The Dutchmen on the ships reacted by blasting their guns at the town and at the Portuguese ships at anchor, “slaying divers of the people.” De Houtman managed to win his release in exchange for a ransom payment. His small fleet sailed away from the port they had come to bargain with, having only caused trouble. For the next month they hugged the Javanese coast, picking up a few sacks of cloves and pepper but mostly bringing on more disaster. At a town on the northwest coast the locals offered them a feast and promised to sell them as much clove and nutmeg as they could carry; in the middle of the party they pulled out swords and killed twelve Dutchmen.
More dissension ensued. De Houtman was for pushing onward; others wanted to bring their nightmare to an end. Then suddenly one of the ship’s captains died and it was widely believed that De Houtman had poisoned him. De Houtman was imprisoned. With both the commander and vice commander of the expedition under arrest, the expedi
tion at last headed back toward home, stopping for four weeks of R & R on Bali, which one might be tempted to see as the only sensible decision of the entire journey. On August 14, 1597, three ships sailed back into a Dutch port, the fourth having been abandoned because there were too few sailors left to man it.

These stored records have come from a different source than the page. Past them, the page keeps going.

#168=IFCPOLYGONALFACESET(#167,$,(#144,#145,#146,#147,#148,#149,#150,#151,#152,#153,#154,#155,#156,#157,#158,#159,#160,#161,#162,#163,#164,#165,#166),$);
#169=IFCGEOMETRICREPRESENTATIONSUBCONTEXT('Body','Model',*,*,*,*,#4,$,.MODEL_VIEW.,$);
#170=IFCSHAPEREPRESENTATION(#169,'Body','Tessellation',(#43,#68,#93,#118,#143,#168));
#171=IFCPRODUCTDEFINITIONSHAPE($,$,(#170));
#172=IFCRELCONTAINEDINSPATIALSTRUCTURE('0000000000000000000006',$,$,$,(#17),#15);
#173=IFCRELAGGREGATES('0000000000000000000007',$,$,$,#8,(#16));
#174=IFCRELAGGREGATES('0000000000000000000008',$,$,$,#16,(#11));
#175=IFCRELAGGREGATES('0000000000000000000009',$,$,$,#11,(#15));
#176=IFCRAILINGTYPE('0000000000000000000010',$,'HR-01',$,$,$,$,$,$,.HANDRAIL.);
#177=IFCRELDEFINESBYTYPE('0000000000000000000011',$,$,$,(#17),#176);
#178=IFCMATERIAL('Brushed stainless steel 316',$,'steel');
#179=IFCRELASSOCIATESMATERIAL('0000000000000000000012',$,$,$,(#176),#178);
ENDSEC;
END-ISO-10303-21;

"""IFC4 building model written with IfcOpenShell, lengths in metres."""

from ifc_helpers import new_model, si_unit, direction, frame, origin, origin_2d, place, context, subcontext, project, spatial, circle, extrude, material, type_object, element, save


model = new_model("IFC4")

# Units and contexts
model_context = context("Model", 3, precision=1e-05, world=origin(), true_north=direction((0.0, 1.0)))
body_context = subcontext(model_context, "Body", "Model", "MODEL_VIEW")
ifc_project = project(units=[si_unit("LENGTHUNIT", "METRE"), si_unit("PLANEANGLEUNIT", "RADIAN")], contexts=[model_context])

The hopeful leaders of the Company for Faraway Lands had had word of the imminent arrival of the ships and sent vessels out to greet their returning heroes. What they found was appalling. Of the 249 men who had left Amsterdam two years and four months earlier, only 89 skeletally emaciated sailors had returned. Both De Houtman and his second in command were under guard and charged with serious crimes. The decks were riddled with disease and tales of horror and mutiny. The word disaster seems eminently applicable to the voyage. It’s not surprising, in that sense, that Dutch history gives it scant attention.
Yet when I scoured Amsterdam for remnants of De Houtman’s voyage I did find a couple. High up among the rafters in the grand formal entry of the Royal Tropical Institute, seventy-four images sculpted into the tops of columns give an elaborate, though nearly impossible to see, visual depiction of the whole voyage. Near the city’s waterfront sits a squat round tower called the Schreierstoren, which used to look out over the famous “forest of masts” that filled the harbor. Above its doorway is a memorial stone to the “first voyage to the East Indies 1595.” It depicts four little ships teetering darkly on swirling waves and features the Latin epigram navigare necesse est, “to sail is necessary.” The stone was placed on March 10, 1945, 350 years after De Houtman and his crew left that spot and while the city was still under Nazi occupation.